Как бессловесная притча о тленности всех сокровищ, светится матовой зеленью тяжёлая медная монета, выброшенная морем на прибрежную гальку. Её поверхность утратила все надписи, все нанесённые изображения – к суетному обличью монеты прикоснулась бездна, преобразив её сущность. И она снова вернулась в мир напоминанием об истинном богатстве, сокрытом в глубине нашей души.
Не раз я пытался всё это изобразить на холсте, но что-то неуловимо важное всё-таки оставалось невысказанным. Но часто случалось и другое: нежданно в мою работу врывался ветер с моря, с его солёной свежестью, чистотой прозрачного утра. Сразу вспыхивали света, зацветали тени, краски начинали гореть ярче, и всё вокруг пропитывалось солнцем.
Море мне навсегда подарило ощущение тайны. Сделало меня суеверным, научило относиться ко всему вокруг как к живому, наделённому скрытым от людей смыслом. Ведь только проникая в него можно постигать окружающее, отображая его на холсте. Прислушайтесь, и вы услышите, о чём говорит море. Для каждого из нас у него свои слова, своя музыка, свои миражи. Стоит только отвлечься от сиюминутного, как перед нашим мысленным взором вырастают руины затопленных городов; тёмные, такие непохожие на земные, подводные хребты и горы; тянутся к солнцу колючие ветви кораллов… И совсем рядом, под километровой толщей воды, колышется густой ил, светятся диковинные морские животные, и врастают в дно остовы погибших кораблей.
Есть вещи, невыразимые в словах, неотображаемые на холсте, непереводимые в музыку. Целое всегда больше, нежели сумма его частей, и в этой невидимой разнице обычно заключена вся его суть. Так и моё воображаемое море – многомерное и непознаваемое, хотя и бесконечно близкое – серебрится ускользающими впечатлениями, скорее, их тенями, которые невозможно удержать, полюбоваться ими. Может быть, потому так и манящи все эти возникающие на мгновение фантомы. Эти высокие голоса морских птиц; рокот набегающих волн и шорох уходящих; гудение ветра и глухие, невесть откуда приходящие, пульсирующие звуки моря.
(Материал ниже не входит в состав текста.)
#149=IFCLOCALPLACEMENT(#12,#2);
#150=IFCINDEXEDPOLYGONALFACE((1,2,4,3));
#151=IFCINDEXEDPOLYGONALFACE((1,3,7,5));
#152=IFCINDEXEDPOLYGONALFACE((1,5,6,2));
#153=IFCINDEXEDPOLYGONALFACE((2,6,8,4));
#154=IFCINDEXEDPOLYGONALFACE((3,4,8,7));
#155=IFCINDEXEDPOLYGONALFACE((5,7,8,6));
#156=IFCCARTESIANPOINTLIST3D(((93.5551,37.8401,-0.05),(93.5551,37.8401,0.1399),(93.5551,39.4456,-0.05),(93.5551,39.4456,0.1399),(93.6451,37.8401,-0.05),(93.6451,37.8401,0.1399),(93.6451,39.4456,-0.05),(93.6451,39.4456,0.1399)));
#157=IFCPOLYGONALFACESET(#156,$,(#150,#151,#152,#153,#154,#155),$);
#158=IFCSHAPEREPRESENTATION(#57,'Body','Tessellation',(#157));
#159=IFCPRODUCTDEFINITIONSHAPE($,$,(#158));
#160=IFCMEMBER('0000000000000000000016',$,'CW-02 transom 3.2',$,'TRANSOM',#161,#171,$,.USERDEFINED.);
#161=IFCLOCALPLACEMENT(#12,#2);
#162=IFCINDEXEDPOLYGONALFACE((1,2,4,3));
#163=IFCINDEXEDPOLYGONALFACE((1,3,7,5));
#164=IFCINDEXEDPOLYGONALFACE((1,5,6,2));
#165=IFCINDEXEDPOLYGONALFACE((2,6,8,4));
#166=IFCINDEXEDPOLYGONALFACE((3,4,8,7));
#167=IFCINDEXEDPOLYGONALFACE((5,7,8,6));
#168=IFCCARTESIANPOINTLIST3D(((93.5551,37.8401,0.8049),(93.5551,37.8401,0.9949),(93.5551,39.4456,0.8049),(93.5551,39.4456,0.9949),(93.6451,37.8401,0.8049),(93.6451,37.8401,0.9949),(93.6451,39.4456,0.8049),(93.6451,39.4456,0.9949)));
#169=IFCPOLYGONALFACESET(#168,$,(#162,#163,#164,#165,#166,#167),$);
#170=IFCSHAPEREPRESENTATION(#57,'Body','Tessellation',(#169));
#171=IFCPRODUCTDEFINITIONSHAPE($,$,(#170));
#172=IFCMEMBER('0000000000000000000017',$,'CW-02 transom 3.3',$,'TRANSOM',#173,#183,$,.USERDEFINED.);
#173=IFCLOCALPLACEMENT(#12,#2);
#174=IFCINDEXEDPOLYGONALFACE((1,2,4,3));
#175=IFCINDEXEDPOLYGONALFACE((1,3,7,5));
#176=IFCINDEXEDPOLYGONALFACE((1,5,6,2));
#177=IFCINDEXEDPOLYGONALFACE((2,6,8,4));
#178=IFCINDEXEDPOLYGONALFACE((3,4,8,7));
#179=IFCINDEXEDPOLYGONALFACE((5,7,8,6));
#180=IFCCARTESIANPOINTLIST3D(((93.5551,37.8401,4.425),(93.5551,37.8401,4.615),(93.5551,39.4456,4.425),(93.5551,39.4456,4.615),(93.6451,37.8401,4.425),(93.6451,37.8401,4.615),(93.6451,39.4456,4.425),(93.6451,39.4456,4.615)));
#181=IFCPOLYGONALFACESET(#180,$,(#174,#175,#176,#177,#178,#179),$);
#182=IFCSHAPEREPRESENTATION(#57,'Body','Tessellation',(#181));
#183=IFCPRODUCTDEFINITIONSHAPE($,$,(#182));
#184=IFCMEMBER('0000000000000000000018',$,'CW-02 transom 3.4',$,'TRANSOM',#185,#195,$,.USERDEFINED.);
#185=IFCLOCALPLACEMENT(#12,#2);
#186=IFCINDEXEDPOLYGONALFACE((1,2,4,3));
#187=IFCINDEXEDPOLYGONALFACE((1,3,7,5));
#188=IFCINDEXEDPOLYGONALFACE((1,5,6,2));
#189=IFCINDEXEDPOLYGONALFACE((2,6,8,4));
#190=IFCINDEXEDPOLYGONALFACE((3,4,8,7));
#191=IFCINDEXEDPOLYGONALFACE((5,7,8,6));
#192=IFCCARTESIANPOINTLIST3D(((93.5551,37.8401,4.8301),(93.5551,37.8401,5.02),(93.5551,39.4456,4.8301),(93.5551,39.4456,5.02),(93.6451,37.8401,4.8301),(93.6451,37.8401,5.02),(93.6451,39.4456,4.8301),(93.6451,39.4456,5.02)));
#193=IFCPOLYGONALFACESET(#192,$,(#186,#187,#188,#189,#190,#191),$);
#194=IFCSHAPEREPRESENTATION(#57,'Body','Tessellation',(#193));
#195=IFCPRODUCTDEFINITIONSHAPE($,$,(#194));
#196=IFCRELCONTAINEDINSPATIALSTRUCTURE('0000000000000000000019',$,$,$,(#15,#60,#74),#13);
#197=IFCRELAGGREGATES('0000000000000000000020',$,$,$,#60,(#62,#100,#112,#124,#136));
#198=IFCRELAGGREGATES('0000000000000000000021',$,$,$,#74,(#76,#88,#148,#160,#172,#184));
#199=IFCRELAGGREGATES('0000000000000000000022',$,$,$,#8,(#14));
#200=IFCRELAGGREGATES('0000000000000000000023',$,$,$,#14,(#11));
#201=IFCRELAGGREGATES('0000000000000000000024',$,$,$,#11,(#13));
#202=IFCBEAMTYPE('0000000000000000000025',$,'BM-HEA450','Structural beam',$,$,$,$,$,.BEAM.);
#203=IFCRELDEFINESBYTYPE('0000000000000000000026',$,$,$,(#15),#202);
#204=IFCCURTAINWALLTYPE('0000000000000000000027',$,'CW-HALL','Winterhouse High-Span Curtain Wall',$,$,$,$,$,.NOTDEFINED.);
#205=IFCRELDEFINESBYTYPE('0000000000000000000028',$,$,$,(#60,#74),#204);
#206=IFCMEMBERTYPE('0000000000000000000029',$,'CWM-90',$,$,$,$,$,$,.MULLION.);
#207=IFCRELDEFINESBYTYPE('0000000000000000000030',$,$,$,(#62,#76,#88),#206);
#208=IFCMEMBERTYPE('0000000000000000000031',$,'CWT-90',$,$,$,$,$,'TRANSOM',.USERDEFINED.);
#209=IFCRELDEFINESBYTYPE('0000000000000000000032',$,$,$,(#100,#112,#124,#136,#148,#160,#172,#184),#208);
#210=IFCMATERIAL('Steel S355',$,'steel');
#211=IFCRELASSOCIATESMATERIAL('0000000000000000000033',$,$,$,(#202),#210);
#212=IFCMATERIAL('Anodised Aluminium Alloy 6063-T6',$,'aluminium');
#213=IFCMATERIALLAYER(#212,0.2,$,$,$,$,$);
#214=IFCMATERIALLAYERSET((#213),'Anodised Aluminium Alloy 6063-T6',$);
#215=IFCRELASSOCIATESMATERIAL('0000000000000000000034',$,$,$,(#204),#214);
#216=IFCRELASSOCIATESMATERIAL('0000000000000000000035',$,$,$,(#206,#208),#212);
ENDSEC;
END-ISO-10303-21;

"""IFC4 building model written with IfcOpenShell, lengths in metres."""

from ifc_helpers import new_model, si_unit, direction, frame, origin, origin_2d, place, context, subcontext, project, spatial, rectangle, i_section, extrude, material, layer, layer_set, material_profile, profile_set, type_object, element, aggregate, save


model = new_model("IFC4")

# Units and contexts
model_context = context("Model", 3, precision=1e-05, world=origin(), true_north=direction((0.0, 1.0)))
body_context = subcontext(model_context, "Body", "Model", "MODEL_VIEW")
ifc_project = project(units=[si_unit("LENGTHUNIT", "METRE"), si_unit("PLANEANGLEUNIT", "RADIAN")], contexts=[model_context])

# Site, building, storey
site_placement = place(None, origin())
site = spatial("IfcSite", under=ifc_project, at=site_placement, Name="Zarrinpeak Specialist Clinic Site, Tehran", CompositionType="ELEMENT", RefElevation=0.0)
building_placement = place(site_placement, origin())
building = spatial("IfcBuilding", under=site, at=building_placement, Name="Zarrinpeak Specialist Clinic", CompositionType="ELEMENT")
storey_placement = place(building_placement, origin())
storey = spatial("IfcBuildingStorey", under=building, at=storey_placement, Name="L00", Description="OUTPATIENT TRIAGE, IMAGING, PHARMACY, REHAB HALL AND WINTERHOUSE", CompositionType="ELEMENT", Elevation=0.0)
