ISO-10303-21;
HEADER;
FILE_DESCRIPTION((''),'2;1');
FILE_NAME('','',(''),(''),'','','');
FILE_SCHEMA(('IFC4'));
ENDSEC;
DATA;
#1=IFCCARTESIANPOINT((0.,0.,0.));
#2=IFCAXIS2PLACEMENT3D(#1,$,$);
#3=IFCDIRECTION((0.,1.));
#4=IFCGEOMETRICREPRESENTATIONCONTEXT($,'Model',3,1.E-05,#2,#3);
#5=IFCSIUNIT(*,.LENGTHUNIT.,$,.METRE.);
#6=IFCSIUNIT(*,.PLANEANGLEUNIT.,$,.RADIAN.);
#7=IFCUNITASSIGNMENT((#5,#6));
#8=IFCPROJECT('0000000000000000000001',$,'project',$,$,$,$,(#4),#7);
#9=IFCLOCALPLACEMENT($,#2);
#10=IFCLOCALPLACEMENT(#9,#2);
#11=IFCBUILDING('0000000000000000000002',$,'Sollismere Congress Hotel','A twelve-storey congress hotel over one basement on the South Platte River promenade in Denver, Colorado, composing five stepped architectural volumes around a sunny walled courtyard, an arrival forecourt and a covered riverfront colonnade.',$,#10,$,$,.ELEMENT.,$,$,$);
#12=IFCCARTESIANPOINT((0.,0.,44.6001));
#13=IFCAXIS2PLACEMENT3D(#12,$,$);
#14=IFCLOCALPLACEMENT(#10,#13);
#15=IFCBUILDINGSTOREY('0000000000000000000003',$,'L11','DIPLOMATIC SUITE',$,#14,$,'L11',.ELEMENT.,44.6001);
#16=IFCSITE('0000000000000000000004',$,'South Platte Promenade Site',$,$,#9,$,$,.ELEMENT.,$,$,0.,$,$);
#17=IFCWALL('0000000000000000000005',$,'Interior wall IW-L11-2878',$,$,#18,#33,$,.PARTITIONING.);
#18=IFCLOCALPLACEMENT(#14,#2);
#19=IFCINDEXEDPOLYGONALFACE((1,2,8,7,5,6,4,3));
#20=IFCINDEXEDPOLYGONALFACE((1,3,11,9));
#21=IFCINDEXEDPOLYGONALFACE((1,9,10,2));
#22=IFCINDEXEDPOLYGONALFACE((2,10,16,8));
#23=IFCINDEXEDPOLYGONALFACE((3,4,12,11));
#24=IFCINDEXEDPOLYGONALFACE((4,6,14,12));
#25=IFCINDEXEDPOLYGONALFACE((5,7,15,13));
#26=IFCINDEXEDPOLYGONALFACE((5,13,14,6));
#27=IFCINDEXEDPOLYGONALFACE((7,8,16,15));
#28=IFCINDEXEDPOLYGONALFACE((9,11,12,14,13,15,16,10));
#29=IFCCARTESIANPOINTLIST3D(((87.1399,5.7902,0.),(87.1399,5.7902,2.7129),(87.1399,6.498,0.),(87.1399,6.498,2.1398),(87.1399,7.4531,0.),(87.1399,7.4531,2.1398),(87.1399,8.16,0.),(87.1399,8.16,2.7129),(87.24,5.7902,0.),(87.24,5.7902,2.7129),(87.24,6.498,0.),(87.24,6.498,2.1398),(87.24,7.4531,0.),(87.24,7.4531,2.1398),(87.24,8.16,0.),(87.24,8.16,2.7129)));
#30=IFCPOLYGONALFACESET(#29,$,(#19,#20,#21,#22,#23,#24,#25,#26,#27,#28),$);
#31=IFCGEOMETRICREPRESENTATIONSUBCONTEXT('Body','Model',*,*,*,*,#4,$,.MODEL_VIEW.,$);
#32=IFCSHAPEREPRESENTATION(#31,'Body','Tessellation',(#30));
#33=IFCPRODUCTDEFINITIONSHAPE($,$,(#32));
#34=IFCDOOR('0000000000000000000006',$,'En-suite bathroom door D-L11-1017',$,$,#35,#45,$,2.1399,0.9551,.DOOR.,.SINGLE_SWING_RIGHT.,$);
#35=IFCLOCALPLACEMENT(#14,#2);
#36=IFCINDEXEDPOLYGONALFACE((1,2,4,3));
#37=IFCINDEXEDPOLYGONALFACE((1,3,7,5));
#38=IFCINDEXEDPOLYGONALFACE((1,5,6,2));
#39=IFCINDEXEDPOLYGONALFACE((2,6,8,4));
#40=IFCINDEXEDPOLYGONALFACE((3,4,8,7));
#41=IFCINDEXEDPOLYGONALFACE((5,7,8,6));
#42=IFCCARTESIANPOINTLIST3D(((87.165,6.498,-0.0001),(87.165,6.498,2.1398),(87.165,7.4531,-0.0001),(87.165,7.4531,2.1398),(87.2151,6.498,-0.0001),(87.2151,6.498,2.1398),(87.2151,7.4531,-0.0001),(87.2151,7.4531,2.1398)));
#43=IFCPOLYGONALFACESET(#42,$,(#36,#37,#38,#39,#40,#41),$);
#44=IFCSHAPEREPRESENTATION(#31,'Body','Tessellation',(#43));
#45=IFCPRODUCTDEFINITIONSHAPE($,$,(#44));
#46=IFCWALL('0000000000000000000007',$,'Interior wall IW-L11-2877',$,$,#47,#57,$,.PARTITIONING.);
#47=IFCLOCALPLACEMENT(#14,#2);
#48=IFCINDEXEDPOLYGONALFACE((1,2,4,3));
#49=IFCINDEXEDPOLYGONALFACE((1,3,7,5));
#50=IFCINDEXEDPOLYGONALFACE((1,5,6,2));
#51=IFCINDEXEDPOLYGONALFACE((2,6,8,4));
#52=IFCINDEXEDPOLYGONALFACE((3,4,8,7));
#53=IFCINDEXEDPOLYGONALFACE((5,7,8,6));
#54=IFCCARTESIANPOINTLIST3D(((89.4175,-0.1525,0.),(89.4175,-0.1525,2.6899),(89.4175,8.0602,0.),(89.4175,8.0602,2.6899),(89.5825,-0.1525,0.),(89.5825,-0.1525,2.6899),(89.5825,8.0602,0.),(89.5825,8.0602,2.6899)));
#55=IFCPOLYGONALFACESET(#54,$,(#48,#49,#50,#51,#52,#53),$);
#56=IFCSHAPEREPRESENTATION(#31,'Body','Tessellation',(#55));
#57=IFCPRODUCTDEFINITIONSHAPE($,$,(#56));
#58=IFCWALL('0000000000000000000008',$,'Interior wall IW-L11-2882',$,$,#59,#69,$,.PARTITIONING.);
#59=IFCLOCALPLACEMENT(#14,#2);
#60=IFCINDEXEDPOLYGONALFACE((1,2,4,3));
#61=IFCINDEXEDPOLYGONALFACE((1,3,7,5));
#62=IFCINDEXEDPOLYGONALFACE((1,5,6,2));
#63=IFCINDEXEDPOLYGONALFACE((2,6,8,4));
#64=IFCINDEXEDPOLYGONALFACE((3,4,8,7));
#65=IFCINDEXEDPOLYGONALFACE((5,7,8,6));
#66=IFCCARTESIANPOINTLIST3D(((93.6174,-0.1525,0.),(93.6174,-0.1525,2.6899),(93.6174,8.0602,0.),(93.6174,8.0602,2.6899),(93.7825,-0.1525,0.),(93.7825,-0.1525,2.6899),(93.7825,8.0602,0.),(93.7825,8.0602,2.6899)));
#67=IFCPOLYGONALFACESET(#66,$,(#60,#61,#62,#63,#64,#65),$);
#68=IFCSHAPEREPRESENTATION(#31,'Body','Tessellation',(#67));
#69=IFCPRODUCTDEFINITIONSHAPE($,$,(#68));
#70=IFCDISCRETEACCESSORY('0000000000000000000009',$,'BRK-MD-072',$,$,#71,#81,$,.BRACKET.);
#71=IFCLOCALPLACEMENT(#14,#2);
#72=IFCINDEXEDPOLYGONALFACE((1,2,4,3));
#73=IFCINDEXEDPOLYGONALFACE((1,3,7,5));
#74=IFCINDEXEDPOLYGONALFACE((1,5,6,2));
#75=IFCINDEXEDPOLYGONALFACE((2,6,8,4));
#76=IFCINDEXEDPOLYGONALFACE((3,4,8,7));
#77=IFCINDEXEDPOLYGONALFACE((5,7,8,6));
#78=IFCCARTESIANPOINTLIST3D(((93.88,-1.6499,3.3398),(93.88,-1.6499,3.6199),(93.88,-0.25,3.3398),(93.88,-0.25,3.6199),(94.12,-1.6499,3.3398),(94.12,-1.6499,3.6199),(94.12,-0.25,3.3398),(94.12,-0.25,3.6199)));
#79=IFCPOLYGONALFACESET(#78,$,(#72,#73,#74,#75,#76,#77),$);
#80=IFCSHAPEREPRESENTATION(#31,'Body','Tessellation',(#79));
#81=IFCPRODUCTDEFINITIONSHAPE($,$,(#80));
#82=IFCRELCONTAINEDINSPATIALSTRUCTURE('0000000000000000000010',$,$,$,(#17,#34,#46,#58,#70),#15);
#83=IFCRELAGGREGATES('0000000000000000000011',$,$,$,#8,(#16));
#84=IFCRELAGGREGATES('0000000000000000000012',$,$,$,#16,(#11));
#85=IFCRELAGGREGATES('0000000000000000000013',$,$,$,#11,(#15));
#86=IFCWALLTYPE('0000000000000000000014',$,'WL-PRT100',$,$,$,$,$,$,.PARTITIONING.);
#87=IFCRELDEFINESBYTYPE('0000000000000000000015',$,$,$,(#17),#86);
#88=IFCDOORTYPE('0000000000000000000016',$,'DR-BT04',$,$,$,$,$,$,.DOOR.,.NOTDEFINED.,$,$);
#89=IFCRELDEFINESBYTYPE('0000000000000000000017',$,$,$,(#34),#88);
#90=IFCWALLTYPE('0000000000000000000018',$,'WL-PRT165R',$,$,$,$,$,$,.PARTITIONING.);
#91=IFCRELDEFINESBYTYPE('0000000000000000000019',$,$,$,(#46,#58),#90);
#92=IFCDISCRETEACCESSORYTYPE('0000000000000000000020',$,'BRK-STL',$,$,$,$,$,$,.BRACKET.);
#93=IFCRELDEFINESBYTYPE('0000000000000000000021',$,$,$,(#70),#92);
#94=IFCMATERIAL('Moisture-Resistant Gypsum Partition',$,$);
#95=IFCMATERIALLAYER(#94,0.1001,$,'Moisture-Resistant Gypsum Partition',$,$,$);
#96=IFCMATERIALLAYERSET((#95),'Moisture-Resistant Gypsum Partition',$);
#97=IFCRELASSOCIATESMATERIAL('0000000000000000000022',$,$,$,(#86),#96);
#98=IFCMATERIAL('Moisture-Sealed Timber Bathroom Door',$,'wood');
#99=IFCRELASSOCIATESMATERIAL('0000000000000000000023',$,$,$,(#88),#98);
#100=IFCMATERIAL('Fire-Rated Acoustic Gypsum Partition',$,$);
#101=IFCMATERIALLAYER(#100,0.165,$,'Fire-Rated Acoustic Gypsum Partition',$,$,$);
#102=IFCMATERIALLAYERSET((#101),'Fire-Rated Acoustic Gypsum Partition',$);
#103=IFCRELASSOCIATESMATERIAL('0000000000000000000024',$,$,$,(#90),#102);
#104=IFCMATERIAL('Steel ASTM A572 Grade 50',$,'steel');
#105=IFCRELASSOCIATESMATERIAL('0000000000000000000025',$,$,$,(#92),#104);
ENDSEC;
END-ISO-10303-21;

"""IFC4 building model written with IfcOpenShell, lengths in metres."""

from ifc_helpers import new_model, si_unit, direction, frame, frame_2d, origin, origin_2d, place, context, subcontext, project, spatial, rectangle, extrude, material, layer, layer_set, type_object, element, fill, save


model = new_model("IFC4")

# Units and contexts
model_context = context("Model", 3, precision=1e-05, world=origin(), true_north=direction((0.0, 1.0)))
body_context = subcontext(model_context, "Body", "Model", "MODEL_VIEW")
ifc_project = project(units=[si_unit("LENGTHUNIT", "METRE"), si_unit("PLANEANGLEUNIT", "RADIAN")], contexts=[model_context])

# Site, building, storey
site_placement = place(None, origin())
site = spatial("IfcSite", under=ifc_project, at=site_placement, Name="South Platte Promenade Site", CompositionType="ELEMENT", RefElevation=0.0)
building_placement = place(site_placement, origin())
building = spatial("IfcBuilding", under=site, at=building_placement, Name="Sollismere Congress Hotel", Description="A twelve-storey congress hotel over one basement on the South Platte River promenade in Denver, Colorado, composing five stepped architectural volumes around a sunny walled courtyard, an arrival forecourt and a covered riverfront colonnade.", CompositionType="ELEMENT")
storey_placement = place(building_placement, frame((0.0, 0.0, 44.6001)))
storey = spatial("IfcBuildingStorey", under=building, at=storey_placement, Name="L11", Description="DIPLOMATIC SUITE", LongName="L11", CompositionType="ELEMENT", Elevation=44.6001)

# Wall, opening, door
ifc_material_1 = material(Name="Moisture-Resistant Gypsum Partition")
ifc_layer_1 = layer(ifc_material_1, 0.1001, Name="Moisture-Resistant Gypsum Partition")
ifc_layer_set_1 = layer_set([ifc_layer_1], Name="Moisture-Resistant Gypsum Partition")
wall_type_1 = type_object("IfcWallType", Name="WL-PRT100", PredefinedType="PARTITIONING", material=ifc_layer_set_1)
wall_1_placement = place(storey_placement, frame((87.1899, 5.79, 0.0), z_axis=(0.0, 0.0, 1.0), x_axis=(0.0, 1.0, 0.0)))
wall_1 = element("IfcWall", 1, at=wall_1_placement, inside=storey, type_object=wall_type_1, Name="Interior wall IW-L11-2878", PredefinedType="PARTITIONING", context=body_context, shape_type="SweptSolid", body=[
    extrude(rectangle(XDim=2.3699, YDim=0.1001, at=frame_2d((1.1851, 0.0))), origin(), (0.0, 0.0, 1.0), 2.7129),
])
opening_placement = place(wall_1_placement, frame((0.708, 0.0, 0.0)))
opening = element("IfcOpeningElement", 2, at=opening_placement, cuts=wall_1, PredefinedType="OPENING", context=body_context, shape_type="SweptSolid", body=[
    extrude(rectangle(XDim=0.9551, YDim=2.1399, at=frame_2d((0.4775, 1.0698))), frame((0.0, 0.0601, 0.0), z_axis=(0.0, -1.0, 0.0), x_axis=(1.0, 0.0, 0.0)), (0.0, 0.0, 1.0), 0.1201),
])
ifc_material_2 = material(Name="Moisture-Sealed Timber Bathroom Door", Category="wood")
door_type = type_object("IfcDoorType", Name="DR-BT04", OperationType="NOTDEFINED", PredefinedType="DOOR", material=ifc_material_2)
door_placement = place(opening_placement, origin())
door = element("IfcDoor", 3, at=door_placement, inside=storey, type_object=door_type, Name="En-suite bathroom door D-L11-1017", OperationType="SINGLE_SWING_RIGHT", OverallHeight=2.1399, OverallWidth=0.9551, PredefinedType="DOOR", context=body_context, shape_type="SweptSolid", body=[
    extrude(rectangle(XDim=0.9551, YDim=2.1399, at=frame_2d((0.4775, 1.0698))), frame((0.0, 0.0249, 0.0), z_axis=(0.0, -1.0, 0.0), x_axis=(1.0, 0.0, 0.0)), (0.0, 0.0, 1.0), 0.05),
])
fill(opening, door)

# Walls
ifc_material_3 = material(Name="Fire-Rated Acoustic Gypsum Partition")
ifc_layer_2 = layer(ifc_material_3, 0.165, Name="Fire-Rated Acoustic Gypsum Partition")
ifc_layer_set_2 = layer_set([ifc_layer_2], Name="Fire-Rated Acoustic Gypsum Partition")
wall_type_2 = type_object("IfcWallType", Name="WL-PRT165R", PredefinedType="PARTITIONING", material=ifc_layer_set_2)
for number, where, z_axis, x_axis, name in (
    (4, (89.5, -0.1526, 0.0), (0.0, 0.0, 1.0), (0.0, 1.0, 0.0), "Interior wall IW-L11-2877"),
    (5, (93.7, -0.1526, 0.0), (0.0, 0.0, 1.0), (0.0, 1.0, 0.0), "Interior wall IW-L11-2882"),
):
    element("IfcWall", number, at=place(storey_placement, frame(where, z_axis=z_axis, x_axis=x_axis)), inside=storey, type_object=wall_type_2, Name=name, PredefinedType="PARTITIONING", context=body_context, shape_type="SweptSolid", body=[
        extrude(rectangle(XDim=8.2126, YDim=0.165, at=frame_2d((4.1064, 0.0))), origin(), (0.0, 0.0, 1.0), 2.6899),
    ])

# Discrete accessory
ifc_material_4 = material(Name="Steel ASTM A572 Grade 50", Category="steel")
discrete_accessory_type = type_object("IfcDiscreteAccessoryType", Name="BRK-STL", PredefinedType="BRACKET", material=ifc_material_4)
discrete_accessory_placement = place(storey_placement, frame((94.0, -0.95, 3.3398), z_axis=(0.0, 0.0, 1.0), x_axis=(1.0, 0.0, 0.0)))
element("IfcDiscreteAccessory", 6, at=discrete_accessory_placement, inside=storey, type_object=discrete_accessory_type, Name="BRK-MD-072", PredefinedType="BRACKET", context=body_context, shape_type="SweptSolid", body=[
    extrude(rectangle(XDim=0.24, YDim=1.3999, at=origin_2d()), origin(), (0.0, 0.0, 1.0), 0.28),
])

save(model, "model.ifc")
Под аккомпанемент этой природной симфонии, калейдоскопическую смену морских пейзажей, освобождаешься от всего случайного, обременительного, от гнетущего тревожного беспокойства, словно морская бездна прикоснулась и к тебе, подарив частицу своего величия и силы.
А, может быть, вновь возвращаешься к себе, к своему вечному и неизменному «я»…
Беги, Мальчик, беги! Не останавливайся! Беги мимо ярких витрин, сверкающей мишуры, мимо манящих огней. Остановишься – забудешься, забудешься – потеряешься…
И Мальчик бежал. Бежал мимо играющих городов, мимо ликующей детворы, мимо карнавальной пестроты непрекращающегося праздника. Можно было бы не беспокоиться за него, не оглядывайся он по сторонам в поисках попутчиков на тихих дворах или на краю неба, где кончаются крыши домов и начинаются звёзды.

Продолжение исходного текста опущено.